J.B. Spins

Jazz, film, and improvised culture.

Monday, March 04, 2013

NYICFF ’13: Approved for Adoption


Growing up in a small country divided between French and Flemish speakers in the shadow of the ever arrogant France must make developing a Belgian identity tricky under any circumstances.  For a Korean adoptee like Jung, the coming-of-age process is profoundly more complicated.  Jung (as the artist simply bills himself) adapts his own graphic novel-memoir, incorporating footage of his emotionally ambiguous return to Korea in Approved for Adoption (trailer here), a multi-hyphenated animated genre-hybrid, which screens during the 2013 New York International Children’s Film Festival.

Jung never knew his birth parents.  He was discovered by a policeman on the streets of Seoul, presumably abandoned.  It was a common fate for children after the Korean War.  Through the Holt international adoption agency, Jung is placed with a Belgian family.  As he matures, Jung mostly gets along with his four Belgian brothers and sisters, especially his sister and closest confidant, Coralie.  However, his relationship with is mother is a different story.  Frankly, most children would have issues with his severe mother, but his are exacerbated by behavioral problems at school and lingering doubts about his place in the family.

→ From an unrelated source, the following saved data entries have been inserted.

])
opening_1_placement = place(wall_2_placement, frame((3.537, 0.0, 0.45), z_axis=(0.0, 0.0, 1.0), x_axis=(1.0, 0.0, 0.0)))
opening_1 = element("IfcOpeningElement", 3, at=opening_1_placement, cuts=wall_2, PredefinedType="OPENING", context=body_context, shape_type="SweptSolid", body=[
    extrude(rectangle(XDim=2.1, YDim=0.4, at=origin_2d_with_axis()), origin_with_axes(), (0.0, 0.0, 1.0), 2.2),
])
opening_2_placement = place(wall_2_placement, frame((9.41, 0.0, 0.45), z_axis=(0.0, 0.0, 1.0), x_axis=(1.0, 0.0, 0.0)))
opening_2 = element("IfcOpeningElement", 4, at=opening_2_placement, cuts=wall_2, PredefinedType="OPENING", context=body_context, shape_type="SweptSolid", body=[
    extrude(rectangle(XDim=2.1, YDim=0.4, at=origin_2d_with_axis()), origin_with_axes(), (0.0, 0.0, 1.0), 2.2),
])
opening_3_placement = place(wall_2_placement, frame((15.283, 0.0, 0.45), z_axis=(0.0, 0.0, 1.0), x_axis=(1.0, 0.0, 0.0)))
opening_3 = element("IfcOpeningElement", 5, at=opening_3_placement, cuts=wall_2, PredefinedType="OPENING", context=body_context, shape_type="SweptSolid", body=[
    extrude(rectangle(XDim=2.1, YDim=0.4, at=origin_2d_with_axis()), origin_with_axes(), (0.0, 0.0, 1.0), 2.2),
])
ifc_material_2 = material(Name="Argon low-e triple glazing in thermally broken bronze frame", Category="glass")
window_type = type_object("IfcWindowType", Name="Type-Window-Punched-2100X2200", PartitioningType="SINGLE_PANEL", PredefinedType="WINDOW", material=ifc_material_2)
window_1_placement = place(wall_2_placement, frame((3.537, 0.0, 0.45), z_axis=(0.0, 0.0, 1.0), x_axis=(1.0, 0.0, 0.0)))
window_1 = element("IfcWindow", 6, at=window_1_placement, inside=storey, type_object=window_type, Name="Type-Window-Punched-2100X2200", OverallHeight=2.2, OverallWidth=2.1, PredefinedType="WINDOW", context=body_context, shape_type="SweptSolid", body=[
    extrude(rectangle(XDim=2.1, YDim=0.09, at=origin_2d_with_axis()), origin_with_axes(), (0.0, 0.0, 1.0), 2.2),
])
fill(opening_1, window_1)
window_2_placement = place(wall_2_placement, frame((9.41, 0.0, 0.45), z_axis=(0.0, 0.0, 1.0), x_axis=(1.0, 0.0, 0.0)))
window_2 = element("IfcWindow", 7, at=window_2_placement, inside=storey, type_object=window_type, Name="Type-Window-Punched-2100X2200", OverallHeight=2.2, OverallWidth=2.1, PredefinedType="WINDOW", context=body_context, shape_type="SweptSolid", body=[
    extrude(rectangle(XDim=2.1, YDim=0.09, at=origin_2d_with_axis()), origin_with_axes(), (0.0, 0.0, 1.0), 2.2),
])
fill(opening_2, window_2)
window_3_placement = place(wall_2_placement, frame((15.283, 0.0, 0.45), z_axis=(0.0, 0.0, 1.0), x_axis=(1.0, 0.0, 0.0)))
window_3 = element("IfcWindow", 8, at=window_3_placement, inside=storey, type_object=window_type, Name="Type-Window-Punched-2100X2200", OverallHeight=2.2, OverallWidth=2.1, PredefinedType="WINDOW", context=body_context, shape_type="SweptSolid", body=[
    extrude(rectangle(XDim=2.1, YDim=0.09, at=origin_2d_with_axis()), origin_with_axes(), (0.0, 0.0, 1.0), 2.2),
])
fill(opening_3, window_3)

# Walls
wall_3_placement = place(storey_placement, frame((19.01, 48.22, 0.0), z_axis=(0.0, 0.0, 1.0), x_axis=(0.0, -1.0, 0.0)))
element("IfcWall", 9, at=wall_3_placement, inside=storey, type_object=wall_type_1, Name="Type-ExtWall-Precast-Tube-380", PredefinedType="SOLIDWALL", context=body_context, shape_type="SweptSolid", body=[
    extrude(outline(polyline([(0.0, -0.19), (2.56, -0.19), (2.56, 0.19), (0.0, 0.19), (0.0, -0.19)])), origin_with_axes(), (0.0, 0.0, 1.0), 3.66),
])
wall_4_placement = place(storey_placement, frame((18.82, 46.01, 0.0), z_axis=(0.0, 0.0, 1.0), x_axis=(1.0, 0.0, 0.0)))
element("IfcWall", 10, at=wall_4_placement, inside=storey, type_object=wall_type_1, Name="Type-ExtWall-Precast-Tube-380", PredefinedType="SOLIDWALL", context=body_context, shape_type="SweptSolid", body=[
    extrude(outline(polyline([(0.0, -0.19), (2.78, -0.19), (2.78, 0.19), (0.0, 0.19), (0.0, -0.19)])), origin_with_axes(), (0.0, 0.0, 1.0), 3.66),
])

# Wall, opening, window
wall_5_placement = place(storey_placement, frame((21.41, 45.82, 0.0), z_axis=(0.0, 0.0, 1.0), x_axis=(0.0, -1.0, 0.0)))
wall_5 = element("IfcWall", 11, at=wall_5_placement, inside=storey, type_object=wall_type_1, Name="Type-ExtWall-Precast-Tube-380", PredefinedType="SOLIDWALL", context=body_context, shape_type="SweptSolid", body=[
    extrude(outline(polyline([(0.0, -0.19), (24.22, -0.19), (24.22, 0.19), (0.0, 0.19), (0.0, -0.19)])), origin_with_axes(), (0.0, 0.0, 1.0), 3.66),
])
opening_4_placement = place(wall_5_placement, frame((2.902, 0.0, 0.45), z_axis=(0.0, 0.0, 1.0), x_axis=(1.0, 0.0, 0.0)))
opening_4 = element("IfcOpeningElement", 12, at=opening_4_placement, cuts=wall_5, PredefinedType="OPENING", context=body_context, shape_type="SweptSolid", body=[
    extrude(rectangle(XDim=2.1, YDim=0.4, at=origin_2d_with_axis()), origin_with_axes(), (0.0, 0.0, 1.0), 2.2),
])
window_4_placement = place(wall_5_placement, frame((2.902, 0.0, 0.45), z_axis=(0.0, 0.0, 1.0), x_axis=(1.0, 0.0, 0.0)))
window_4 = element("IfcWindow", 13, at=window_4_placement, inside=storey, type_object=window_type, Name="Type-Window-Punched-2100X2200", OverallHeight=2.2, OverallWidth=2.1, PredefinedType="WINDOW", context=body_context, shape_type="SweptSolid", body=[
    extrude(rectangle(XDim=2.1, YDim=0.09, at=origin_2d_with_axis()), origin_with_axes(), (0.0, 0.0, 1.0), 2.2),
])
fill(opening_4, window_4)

Although Jung is a very humane and forgiving film, it is probably the most mature selection of this year’s NYICFF.  There is even brief animated nudity (breasts clearly discernible beyond mere anime fan service).  It also forthrightly addresses Jung’s family drama and eventual tragedy, which might be troubling for younger viewers.  Yet, for adoptee children, it could be quite consoling—even cathartic.

Approved is visually elegant, rendering its expressive characters in 3D animation, against 2D backdrops, with Jung’s original sketches and Korean video integrated throughout.  Young Jung often tries viewer patience as much as his parents’ but at least we can understand where it is coming from.  Indeed, it is easy to understand how art has served as therapy for him.

To his credit, Jung is unflaggingly honest, never dodging significant episodes that might cast him in an unsympathetic light.  The results are revealing and sometimes beautiful.  Recommended for fully informed families who think their children will find it rewarding, Approved for Adoption screens this Sunday (3/10) at the Alliance Française as part of the 2013 NYICFF.